Let's consider $f : \mathbb{R}^n \rightarrow \mathbb{R}$ a differentiable function, and we claim that the restriction of $f$ to $S_1 = \{ (x_1,\dots, x_n) \in \mathbb{R}^n : x_1 + \dots + x_n = 1\}$ is constant. We want to show that $\exists x_0 \in \mathbb{R}^n \quad ||x_0|| < 1$ and $Df(x_0) = 0$.
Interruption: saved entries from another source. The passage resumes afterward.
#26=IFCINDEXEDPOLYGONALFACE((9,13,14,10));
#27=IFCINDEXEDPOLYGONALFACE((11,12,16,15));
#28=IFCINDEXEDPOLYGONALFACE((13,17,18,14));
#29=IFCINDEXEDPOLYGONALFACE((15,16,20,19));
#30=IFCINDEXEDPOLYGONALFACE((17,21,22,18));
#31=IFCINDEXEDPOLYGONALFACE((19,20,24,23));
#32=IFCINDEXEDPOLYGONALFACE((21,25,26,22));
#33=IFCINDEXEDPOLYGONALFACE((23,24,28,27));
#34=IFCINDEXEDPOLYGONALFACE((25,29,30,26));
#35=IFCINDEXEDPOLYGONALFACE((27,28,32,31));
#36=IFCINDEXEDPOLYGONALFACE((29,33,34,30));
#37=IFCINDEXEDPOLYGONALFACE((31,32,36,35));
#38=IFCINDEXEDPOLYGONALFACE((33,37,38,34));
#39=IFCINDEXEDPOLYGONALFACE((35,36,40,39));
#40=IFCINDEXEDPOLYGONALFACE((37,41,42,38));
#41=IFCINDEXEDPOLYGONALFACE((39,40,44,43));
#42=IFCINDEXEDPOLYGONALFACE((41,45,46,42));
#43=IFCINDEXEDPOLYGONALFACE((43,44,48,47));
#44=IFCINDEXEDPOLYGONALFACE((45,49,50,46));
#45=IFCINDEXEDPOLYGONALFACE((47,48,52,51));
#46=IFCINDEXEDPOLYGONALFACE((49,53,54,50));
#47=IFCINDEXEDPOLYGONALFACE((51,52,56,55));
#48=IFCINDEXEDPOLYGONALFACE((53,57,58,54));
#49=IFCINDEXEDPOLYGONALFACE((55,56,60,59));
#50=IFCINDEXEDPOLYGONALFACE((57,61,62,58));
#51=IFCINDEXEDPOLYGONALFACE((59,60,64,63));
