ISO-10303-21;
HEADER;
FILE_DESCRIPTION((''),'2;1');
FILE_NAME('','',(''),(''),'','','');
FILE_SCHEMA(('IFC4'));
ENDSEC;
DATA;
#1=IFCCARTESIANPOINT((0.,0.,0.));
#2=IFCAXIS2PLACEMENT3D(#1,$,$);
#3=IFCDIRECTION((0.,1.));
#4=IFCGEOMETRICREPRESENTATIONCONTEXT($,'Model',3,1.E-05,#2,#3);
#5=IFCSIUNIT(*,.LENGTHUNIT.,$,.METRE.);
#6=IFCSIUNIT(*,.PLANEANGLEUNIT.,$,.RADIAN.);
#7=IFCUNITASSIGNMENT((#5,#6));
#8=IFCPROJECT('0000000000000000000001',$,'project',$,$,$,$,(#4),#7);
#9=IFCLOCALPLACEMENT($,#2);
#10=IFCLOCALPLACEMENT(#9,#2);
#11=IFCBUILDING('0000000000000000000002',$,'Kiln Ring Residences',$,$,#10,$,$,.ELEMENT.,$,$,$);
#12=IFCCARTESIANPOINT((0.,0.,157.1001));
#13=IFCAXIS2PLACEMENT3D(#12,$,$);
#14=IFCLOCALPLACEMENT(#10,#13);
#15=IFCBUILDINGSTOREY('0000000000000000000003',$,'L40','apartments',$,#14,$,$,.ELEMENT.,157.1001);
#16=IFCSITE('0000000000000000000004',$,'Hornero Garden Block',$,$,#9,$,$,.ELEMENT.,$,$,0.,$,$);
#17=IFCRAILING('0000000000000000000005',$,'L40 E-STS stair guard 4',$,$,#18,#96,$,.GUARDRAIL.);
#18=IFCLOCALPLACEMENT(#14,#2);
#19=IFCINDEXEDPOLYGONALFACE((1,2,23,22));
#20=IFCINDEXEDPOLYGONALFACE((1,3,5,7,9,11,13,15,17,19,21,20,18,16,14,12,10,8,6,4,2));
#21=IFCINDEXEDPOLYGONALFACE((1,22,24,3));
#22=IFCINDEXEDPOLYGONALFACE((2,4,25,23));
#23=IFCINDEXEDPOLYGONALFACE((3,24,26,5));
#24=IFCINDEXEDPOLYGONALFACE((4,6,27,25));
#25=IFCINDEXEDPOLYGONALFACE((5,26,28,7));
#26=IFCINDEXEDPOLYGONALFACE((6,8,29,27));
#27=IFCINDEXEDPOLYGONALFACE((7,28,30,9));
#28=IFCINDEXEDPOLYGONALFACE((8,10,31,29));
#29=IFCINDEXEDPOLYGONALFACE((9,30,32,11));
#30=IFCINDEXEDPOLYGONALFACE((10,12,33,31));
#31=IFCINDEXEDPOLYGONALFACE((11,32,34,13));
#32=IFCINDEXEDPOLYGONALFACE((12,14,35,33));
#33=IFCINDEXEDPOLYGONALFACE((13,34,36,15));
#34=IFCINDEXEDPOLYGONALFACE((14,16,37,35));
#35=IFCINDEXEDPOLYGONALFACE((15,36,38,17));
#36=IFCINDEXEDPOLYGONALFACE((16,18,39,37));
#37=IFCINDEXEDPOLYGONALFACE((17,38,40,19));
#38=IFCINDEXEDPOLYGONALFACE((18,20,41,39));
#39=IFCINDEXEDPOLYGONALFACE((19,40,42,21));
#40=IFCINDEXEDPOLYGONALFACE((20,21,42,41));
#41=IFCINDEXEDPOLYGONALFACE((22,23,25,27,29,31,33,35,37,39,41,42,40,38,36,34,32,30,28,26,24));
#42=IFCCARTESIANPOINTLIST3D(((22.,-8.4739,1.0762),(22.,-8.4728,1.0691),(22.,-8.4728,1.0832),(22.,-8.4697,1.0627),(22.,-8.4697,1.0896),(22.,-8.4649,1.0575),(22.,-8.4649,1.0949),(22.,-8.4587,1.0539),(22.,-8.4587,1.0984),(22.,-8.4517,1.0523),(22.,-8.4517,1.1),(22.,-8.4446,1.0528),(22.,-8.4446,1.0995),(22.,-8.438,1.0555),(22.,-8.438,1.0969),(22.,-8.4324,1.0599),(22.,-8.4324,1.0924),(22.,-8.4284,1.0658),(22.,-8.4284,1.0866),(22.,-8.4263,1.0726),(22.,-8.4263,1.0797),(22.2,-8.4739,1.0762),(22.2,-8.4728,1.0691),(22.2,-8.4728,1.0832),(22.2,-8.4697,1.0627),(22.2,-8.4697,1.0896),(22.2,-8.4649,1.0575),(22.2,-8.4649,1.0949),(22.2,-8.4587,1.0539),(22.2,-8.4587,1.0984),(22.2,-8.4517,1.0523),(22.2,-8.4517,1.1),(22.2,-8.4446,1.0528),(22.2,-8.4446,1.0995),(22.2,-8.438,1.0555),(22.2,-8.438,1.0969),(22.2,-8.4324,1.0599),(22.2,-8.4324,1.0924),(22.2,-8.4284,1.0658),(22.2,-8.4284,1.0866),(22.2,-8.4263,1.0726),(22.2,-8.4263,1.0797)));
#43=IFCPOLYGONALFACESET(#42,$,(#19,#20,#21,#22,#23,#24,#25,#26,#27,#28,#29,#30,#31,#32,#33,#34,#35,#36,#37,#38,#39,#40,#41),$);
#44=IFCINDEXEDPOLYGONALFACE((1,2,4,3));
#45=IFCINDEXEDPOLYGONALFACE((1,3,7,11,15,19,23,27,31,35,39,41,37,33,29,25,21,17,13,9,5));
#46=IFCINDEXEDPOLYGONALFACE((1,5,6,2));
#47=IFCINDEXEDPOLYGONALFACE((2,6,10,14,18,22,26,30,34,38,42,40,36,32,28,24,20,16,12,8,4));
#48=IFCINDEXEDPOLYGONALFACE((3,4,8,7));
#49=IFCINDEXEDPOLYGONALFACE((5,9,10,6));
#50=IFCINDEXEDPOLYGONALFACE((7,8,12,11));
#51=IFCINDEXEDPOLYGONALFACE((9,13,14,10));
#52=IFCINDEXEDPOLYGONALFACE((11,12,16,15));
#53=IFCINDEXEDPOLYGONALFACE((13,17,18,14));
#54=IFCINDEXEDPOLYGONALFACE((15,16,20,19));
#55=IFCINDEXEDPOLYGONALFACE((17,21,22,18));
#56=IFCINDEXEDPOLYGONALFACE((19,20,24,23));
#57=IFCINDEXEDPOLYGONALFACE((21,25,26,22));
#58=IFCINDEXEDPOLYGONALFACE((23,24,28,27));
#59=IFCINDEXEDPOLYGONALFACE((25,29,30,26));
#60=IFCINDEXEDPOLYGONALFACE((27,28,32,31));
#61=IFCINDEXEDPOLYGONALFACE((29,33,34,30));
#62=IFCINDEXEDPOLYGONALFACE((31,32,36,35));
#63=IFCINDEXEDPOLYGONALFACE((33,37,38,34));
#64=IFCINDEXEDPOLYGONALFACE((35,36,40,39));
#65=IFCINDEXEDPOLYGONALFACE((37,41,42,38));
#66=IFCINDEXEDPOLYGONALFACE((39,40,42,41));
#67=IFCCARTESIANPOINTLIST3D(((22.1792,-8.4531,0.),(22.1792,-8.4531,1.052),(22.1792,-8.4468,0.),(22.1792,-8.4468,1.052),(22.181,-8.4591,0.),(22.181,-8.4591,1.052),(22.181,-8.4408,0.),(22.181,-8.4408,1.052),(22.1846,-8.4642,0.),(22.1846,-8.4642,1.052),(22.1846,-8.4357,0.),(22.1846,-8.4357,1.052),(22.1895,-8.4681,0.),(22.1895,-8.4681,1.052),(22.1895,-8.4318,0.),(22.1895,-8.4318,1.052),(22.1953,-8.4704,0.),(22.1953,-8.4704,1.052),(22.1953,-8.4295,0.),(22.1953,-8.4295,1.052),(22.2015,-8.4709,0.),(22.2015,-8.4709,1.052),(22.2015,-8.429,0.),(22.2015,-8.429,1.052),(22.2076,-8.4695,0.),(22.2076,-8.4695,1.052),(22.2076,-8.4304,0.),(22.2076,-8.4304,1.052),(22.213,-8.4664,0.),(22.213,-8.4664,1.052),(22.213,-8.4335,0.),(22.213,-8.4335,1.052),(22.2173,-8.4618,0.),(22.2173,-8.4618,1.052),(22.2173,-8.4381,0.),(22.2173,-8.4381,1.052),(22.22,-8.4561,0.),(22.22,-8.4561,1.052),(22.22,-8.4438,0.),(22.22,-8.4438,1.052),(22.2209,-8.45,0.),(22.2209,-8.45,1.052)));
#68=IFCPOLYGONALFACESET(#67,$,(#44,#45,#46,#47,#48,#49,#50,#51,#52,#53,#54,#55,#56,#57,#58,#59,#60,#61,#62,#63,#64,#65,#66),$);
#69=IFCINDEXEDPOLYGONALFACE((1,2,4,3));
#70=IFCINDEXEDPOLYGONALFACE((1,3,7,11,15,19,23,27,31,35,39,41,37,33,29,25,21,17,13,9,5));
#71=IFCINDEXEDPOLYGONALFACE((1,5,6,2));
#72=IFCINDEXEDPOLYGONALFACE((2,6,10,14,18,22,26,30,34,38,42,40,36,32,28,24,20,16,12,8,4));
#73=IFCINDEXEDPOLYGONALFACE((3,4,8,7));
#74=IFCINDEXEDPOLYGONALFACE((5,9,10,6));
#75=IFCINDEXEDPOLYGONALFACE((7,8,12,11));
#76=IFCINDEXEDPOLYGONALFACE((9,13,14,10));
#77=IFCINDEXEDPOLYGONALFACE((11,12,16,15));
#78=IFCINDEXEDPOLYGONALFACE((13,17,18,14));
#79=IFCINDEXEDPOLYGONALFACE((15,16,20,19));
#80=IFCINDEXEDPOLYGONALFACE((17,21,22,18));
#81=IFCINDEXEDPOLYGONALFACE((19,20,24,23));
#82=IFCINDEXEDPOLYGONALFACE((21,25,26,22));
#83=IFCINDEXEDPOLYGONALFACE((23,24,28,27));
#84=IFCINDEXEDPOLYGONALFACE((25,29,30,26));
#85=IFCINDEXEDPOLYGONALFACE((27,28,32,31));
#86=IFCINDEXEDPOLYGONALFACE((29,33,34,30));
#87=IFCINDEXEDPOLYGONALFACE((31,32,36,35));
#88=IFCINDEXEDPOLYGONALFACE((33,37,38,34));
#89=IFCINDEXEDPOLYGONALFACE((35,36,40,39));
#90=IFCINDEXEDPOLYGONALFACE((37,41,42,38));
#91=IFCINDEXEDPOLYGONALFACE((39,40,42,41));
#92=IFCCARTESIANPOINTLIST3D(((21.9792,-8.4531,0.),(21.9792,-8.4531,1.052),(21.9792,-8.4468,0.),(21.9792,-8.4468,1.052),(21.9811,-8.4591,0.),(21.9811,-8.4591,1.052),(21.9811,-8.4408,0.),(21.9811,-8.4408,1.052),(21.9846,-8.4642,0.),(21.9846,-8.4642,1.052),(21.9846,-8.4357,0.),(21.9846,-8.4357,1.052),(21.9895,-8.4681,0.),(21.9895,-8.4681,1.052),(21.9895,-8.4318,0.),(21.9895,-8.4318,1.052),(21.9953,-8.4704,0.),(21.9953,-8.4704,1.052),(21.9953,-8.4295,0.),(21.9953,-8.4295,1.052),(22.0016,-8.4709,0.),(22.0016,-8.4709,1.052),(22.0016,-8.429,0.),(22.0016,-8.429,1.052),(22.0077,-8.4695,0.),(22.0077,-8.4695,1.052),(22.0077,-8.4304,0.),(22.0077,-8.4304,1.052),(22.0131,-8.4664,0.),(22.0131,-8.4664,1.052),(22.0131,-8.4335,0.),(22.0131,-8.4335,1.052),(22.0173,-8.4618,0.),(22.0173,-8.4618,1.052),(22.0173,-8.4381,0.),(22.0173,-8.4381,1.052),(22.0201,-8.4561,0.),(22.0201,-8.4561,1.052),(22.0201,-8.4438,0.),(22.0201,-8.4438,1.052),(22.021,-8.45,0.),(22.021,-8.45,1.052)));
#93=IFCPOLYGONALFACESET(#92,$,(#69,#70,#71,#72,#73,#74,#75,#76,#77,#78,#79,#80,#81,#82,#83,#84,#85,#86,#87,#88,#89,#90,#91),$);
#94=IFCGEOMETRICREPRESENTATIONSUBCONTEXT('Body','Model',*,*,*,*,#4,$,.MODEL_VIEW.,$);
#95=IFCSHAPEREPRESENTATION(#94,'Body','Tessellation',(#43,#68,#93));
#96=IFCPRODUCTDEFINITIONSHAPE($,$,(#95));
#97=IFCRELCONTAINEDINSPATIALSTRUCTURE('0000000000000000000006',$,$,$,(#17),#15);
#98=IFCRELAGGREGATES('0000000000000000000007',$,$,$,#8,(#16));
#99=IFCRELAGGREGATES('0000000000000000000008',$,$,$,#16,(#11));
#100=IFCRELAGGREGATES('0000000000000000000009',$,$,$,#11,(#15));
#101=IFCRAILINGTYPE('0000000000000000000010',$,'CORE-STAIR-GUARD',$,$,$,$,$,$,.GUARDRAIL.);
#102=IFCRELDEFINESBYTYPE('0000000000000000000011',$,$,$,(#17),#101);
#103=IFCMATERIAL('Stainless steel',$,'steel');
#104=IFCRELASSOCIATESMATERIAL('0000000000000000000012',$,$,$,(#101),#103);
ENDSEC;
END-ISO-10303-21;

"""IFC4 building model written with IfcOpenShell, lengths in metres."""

from ifc_helpers import new_model, si_unit, direction, frame, origin, origin_2d, place, context, subcontext, project, spatial, circle, extrude, material, type_object, element, save


model = new_model("IFC4")

# Units and contexts
model_context = context("Model", 3, precision=1e-05, world=origin(), true_north=direction((0.0, 1.0)))
body_context = subcontext(model_context, "Body", "Model", "MODEL_VIEW")
ifc_project = project(units=[si_unit("LENGTHUNIT", "METRE"), si_unit("PLANEANGLEUNIT", "RADIAN")], contexts=[model_context])

# Site, building, storey
site_placement = place(None, origin())
site = spatial("IfcSite", under=ifc_project, at=site_placement, Name="Hornero Garden Block", CompositionType="ELEMENT", RefElevation=0.0)
building_placement = place(site_placement, origin())
building = spatial("IfcBuilding", under=site, at=building_placement, Name="Kiln Ring Residences", CompositionType="ELEMENT")
storey_placement = place(building_placement, frame((0.0, 0.0, 157.1001)))
storey = spatial("IfcBuildingStorey", under=building, at=storey_placement, Name="L40", Description="apartments", CompositionType="ELEMENT", Elevation=157.1001)

# Railing
ifc_material_1 = material(Name="Stainless steel", Category="steel")
railing_type_1 = type_object("IfcRailingType", Name="CORE-STAIR-GUARD", PredefinedType="GUARDRAIL", material=ifc_material_1)
railing_1_placement = place(storey_placement, frame((22.2, -8.45, 0.0)))
element("IfcRailing", 1, at=railing_1_placement, inside=storey, type_object=railing_type_1, Name="L40 E-STS stair guard 4", PredefinedType="GUARDRAIL", context=body_context, shape_type="SweptSolid", body=[
    extrude(circle(Radius=0.0239, at=origin_2d()), frame((0.0, 0.0, 1.0762), z_axis=(-1.0, 0.0, 0.0), x_axis=(0.0, -1.0, 0.0)), (0.0, 0.0, 1.0), 0.2),
    extrude(circle(Radius=0.021, at=origin_2d()), origin(), (0.0, 0.0, 1.0), 1.052),
    extrude(circle(Radius=0.021, at=origin_2d()), frame((-0.2, 0.0, 0.0)), (0.0, 0.0, 1.0), 1.052),
])

save(model, "model.ifc")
So, as $f_{\big|S_1} : S_1 \rightarrow \mathbb{R}$ is constant, we have : $Df_{\big|S_1} : S_1 \rightarrow \mathcal{L}(\mathbb{R}^n, \mathbb{R})$ which verify for all $x \in S_1$, $Df_{\big|S_1}(x) = 0$. And as we know that $Df(x)$ is linear, we find that $Df(x)(h)=0$ for all $h \in \mathbb{R}^n$. But I want to show this property for an $x$ not in $S_1$ but an $x$ which verify : $||x|| < 1$. So I though Taylor's formula may help me, but I didn't find out how. All I know is that : $f(x+h)-f(x) = Df_x(h) + o(||h||)$ for all $x,h \in \mathbb{R}^n$.
Someone could help me ?
I don't think what you are trying to prove is true. Take $n=2$. If you consider the function $f(x_1,x_2)=x_1+x_2-1$. Then $f=0$ on $S_1$ but $\nabla f(x_1,x_2)=(1,1)\ne (0,0)$ everywhere.